Moreover, the Chinese economy in itself is large and unlike any other given that it is able to supply a lot of what it needs by itself. “The investment case for China is probably stronger than before but at the same time, is different from what China used to be – a factory for the world,” Chui says.

Although it is worth noting that it has been replaced by other emerging markets in this respect. “Given that China’s domestic economy story is unique, it serves as a good diversifier from a portfolio construction standpoint. As a result, China can be viewed in conjunction with other geographies,” Chui says.

But away from China, the strong demand for artificial intelligence (AI) and the recovery of non-AI tech continues to be a theme in Asia. “Especially for the tech-heavy markets of Korea and Taiwan,” Chung says.

She adds that high-quality debt is tempting. “Asia investment grade bonds continued to attract inflows due to their attractive yield levels and negative net issuance.
 “Credit spreads remain stable at already tight levels,” she says. “US treasury yields are likely to stabilise around the current levels, given the market has adjusted its rate cut expectation to be more realistic. Asian investment grade bonds will remain stable, mainly for carry.”

Dhar also points to other areas in the region. “For allocations ex-China, we favour the Taiwan-Korea equity complex which reflects a bottoming out of the tech cycle, led by semis and driven by a pick-up in AI-related demand,” he says.

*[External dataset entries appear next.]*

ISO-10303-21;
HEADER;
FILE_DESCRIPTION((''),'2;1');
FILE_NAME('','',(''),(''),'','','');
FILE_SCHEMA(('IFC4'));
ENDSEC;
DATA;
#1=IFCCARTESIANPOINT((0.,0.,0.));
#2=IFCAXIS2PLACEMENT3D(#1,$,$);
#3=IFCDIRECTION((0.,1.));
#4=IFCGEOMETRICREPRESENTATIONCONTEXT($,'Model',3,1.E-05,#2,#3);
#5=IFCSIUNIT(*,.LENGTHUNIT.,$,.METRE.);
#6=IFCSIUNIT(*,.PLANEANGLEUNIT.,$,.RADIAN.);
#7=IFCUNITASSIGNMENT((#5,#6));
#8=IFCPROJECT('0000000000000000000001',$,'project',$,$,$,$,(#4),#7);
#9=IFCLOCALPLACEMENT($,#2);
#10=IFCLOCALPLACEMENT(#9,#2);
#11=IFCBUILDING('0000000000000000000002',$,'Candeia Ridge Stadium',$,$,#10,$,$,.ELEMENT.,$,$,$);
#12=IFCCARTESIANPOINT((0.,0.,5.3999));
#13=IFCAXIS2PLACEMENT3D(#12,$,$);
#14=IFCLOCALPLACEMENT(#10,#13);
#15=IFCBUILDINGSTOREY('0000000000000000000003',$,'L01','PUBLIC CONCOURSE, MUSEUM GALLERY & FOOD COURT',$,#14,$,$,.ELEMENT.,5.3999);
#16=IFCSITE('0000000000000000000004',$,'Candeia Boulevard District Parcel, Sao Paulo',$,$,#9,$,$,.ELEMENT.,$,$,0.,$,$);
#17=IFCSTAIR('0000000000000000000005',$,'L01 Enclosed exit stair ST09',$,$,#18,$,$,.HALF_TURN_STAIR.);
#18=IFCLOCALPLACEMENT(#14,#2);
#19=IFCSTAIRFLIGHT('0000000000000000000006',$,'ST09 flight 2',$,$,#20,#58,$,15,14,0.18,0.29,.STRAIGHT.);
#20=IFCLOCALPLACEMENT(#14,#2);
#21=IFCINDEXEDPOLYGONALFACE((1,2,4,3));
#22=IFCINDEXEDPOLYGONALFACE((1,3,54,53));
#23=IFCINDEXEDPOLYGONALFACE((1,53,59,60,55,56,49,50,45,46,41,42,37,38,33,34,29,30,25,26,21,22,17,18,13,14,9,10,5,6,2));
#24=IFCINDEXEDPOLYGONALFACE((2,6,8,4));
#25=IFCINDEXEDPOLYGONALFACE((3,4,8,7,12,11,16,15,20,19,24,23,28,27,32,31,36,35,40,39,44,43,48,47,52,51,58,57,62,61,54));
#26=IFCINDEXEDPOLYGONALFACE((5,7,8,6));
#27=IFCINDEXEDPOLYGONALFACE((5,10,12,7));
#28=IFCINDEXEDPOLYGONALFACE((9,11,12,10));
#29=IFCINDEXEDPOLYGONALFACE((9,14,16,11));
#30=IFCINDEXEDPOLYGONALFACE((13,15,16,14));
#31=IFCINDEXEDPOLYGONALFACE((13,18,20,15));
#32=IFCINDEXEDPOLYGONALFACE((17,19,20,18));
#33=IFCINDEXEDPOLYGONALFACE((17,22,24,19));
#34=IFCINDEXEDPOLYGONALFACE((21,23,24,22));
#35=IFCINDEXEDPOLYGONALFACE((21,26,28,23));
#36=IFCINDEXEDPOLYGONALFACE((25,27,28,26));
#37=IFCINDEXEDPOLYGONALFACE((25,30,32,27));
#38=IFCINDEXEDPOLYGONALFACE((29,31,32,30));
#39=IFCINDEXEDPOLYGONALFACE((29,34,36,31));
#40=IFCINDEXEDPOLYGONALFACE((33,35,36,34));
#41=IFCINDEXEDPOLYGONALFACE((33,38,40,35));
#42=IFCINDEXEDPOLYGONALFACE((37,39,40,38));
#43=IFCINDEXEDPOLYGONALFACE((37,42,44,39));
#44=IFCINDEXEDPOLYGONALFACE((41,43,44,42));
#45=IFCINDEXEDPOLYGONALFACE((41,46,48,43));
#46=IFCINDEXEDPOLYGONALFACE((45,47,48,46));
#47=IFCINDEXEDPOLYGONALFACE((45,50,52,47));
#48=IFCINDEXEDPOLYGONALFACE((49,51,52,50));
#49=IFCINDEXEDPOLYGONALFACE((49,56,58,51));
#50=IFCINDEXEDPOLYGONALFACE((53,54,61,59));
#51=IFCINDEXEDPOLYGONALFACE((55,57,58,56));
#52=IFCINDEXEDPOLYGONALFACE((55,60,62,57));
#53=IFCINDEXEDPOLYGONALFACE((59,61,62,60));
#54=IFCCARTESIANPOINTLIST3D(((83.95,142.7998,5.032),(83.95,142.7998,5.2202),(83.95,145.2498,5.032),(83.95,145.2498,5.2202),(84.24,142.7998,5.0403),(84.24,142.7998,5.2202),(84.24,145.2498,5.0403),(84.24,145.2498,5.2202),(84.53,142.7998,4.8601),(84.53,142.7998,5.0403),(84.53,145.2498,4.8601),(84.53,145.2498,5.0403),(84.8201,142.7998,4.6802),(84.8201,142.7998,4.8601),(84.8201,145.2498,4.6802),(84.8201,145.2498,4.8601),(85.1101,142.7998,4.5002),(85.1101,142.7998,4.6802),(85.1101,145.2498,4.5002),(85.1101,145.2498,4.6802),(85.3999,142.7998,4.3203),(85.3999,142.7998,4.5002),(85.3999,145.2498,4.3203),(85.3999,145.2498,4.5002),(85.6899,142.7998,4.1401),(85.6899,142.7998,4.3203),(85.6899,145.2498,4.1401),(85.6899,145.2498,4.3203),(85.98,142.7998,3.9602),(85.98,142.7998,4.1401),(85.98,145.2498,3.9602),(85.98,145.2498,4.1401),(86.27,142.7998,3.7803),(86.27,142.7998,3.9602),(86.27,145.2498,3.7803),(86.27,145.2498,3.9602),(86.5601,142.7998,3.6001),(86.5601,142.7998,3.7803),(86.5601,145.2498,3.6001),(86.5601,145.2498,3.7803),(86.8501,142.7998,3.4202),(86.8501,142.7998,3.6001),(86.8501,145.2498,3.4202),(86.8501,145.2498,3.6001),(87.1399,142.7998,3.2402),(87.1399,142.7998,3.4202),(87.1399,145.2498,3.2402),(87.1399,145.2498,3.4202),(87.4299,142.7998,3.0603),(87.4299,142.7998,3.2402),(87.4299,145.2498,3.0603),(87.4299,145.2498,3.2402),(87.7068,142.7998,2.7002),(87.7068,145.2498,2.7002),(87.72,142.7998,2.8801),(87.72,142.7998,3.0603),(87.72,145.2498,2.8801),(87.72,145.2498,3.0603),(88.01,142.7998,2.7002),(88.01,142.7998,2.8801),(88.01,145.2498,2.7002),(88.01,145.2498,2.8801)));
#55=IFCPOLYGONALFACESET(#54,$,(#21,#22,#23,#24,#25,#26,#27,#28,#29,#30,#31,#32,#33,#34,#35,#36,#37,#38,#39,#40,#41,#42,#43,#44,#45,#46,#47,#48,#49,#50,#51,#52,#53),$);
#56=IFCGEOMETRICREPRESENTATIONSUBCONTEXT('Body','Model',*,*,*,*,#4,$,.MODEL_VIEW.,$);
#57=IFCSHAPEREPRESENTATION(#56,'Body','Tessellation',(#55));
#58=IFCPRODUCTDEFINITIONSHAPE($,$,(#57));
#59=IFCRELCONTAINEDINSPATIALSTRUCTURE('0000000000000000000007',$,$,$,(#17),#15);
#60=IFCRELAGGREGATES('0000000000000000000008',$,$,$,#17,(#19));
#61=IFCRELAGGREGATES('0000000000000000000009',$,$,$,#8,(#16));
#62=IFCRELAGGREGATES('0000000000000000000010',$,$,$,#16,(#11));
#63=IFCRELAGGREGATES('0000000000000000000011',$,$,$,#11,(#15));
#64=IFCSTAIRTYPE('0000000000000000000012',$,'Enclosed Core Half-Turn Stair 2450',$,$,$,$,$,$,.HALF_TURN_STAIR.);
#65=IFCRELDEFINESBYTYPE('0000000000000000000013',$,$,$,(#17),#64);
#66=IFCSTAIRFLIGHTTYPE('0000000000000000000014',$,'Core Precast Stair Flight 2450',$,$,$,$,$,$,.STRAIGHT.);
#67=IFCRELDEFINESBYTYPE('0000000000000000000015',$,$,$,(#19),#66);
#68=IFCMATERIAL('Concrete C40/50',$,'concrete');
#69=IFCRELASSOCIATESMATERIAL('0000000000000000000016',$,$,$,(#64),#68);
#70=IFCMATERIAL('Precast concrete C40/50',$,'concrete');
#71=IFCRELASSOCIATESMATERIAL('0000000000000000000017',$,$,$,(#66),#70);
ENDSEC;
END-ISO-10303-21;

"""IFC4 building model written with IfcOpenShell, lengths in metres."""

from ifc_helpers import new_model, si_unit, direction, frame, origin, place, context, subcontext, project, spatial, polyline, outline, extrude, material, type_object, element, aggregate, save


model = new_model("IFC4")

# Units and contexts
model_context = context("Model", 3, precision=1e-05, world=origin(), true_north=direction((0.0, 1.0)))
body_context = subcontext(model_context, "Body", "Model", "MODEL_VIEW")
ifc_project = project(units=[si_unit("LENGTHUNIT", "METRE"), si_unit("PLANEANGLEUNIT", "RADIAN")], contexts=[model_context])

# Site, building, storey
site_placement = place(None, origin())
site = spatial("IfcSite", under=ifc_project, at=site_placement, Name="Candeia Boulevard District Parcel, Sao Paulo", CompositionType="ELEMENT", RefElevation=0.0)
building_placement = place(site_placement, origin())
building = spatial("IfcBuilding", under=site, at=building_placement, Name="Candeia Ridge Stadium", CompositionType="ELEMENT")
storey_placement = place(building_placement, frame((0.0, 0.0, 5.3999)))
storey = spatial("IfcBuildingStorey", under=building, at=storey_placement, Name="L01", Description="PUBLIC CONCOURSE, MUSEUM GALLERY & FOOD COURT", CompositionType="ELEMENT", Elevation=5.3999)

# Shared definitions
ifc_material_1 = material(Name="Concrete C40/50", Category="concrete")

# Stair, stair flight
stair_type = type_object("IfcStairType", Name="Enclosed Core Half-Turn Stair 2450", PredefinedType="HALF_TURN_STAIR", material=ifc_material_1)
stair_placement = place(storey_placement, origin())
stair = element("IfcStair", 1, at=stair_placement, inside=storey, type_object=stair_type, Name="L01 Enclosed exit stair ST09", PredefinedType="HALF_TURN_STAIR")
ifc_material_2 = material(Name="Precast concrete C40/50", Category="concrete")
stair_flight_type = type_object("IfcStairFlightType", Name="Core Precast Stair Flight 2450", PredefinedType="STRAIGHT", material=ifc_material_2)
stair_flight_1_placement = place(storey_placement, frame((88.01, 144.0249, 2.7002), z_axis=(0.0, 0.0, 1.0), x_axis=(-1.0, 0.0, 0.0)))
stair_flight_1 = element("IfcStairFlight", 2, at=stair_flight_1_placement, type_object=stair_flight_type, Name="ST09 flight 2", NumberOfRisers=15, NumberOfTreads=14, PredefinedType="STRAIGHT", RiserHeight=0.18, TreadLength=0.29, context=body_context, shape_type="SweptSolid", body=[
    extrude(outline(polyline([(0.0, 0.0), (0.0, 0.1799), (0.29, 0.1799), (0.29, 0.3601), (0.5801, 0.3601), (0.5801, 0.54), (0.8701, 0.54), (0.8701, 0.72), (1.1599, 0.72), (1.1599, 0.8999), (1.45, 0.8999), (1.45, 1.0801), (1.74, 1.0801), (1.74, 1.26), (2.03, 1.26), (2.03, 1.4399), (2.3201, 1.4399), (2.3201, 1.6201), (2.6101, 1.6201), (2.6101, 1.8), (2.8999, 1.8), (2.8999, 1.98), (3.1899, 1.98), (3.1899, 2.1599), (3.48, 2.1599), (3.48, 2.3401), (3.77, 2.3401), (3.77, 2.52), (4.0601, 2.52), (4.0601, 2.7), (4.0601, 2.3318), (0.3032, 0.0), (0.0, 0.0)])), frame((0.0, 1.2251, 0.0), z_axis=(0.0, -1.0, 0.0), x_axis=(1.0, 0.0, 0.0)), (0.0, 0.0, 1.0), 2.45),
])
aggregate(stair, [stair_flight_1])

save(model, "model.ifc")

“Taiwan and Korea have also been decoupling from China for a while now, even preceding the imposition of tariffs and exported investment-controls by the US and EU. We also like Japan and India and suggest ‘neutral’ in both places for now as we are wary of policy-driven headwinds – Bank of Japan normalisation – in the former and frothy valuations, relatively high price-earnings, in the latter.”

Perennial debate

Although Jian Shi Cortesi, investment director of Chinese and Asian equities at GAM Investments, says that the region is not necessarily a fight-off between China and its neighbours.

“The perennial debate over whether India or China will emerge as the ultimate winner oversimplifies the intricate dynamics of global economic growth,” she says. “Why must it be a zero- sum game? History reveals that when one nation rises economically, it need not come at the expense of another.”

Adding to the point, Cortesi says: “The US ascended without diminishing the UK’s prosperity. Both co-existed, contributing to global progress. Japan’s economic growth did not harm the US. Instead, it catalysed global expansion.

“China’s rapid GDP growth did not come at the expense of other countries. It fuelled economic expansion worldwide. Rather than framing this as a zero-sum game, we should recognise that India and China can co-exist harmoniously. Their unique strengths contribute to global prosperity.”

Chung ultimately says there are reasons to be positive about China. “We are cautiously optimistic about the prospects of Chinese equities and anticipate a more pronounced market recovery in the second half of the year,” she says.

The current 12-month forward price-earnings ratio for the MSCI China index is 10.2x, Chung says, with trading almost one standard deviation below its 10-year average. This is leading to under-valuations. Hong Kong equities are experiencing even more significant undervaluation, with the Hang Seng index sporting a 12-month price-earnings ratio of 8.8x, equivalent to two standard deviations below its 10-year average.

“Assuming no substantial revisions to earnings and a return to long-term valuations through mean reversion, this scenario could result in an approximate 20% upside for the MSCI China index and a 30% upside for the Hang Seng index,” Chung says. “This creates an attractive entry point for long- term investors and acts as a safeguard against further significant downside risks.”

It therefore signifies that China, despite all the recent noise, has still much to offer institutional investors.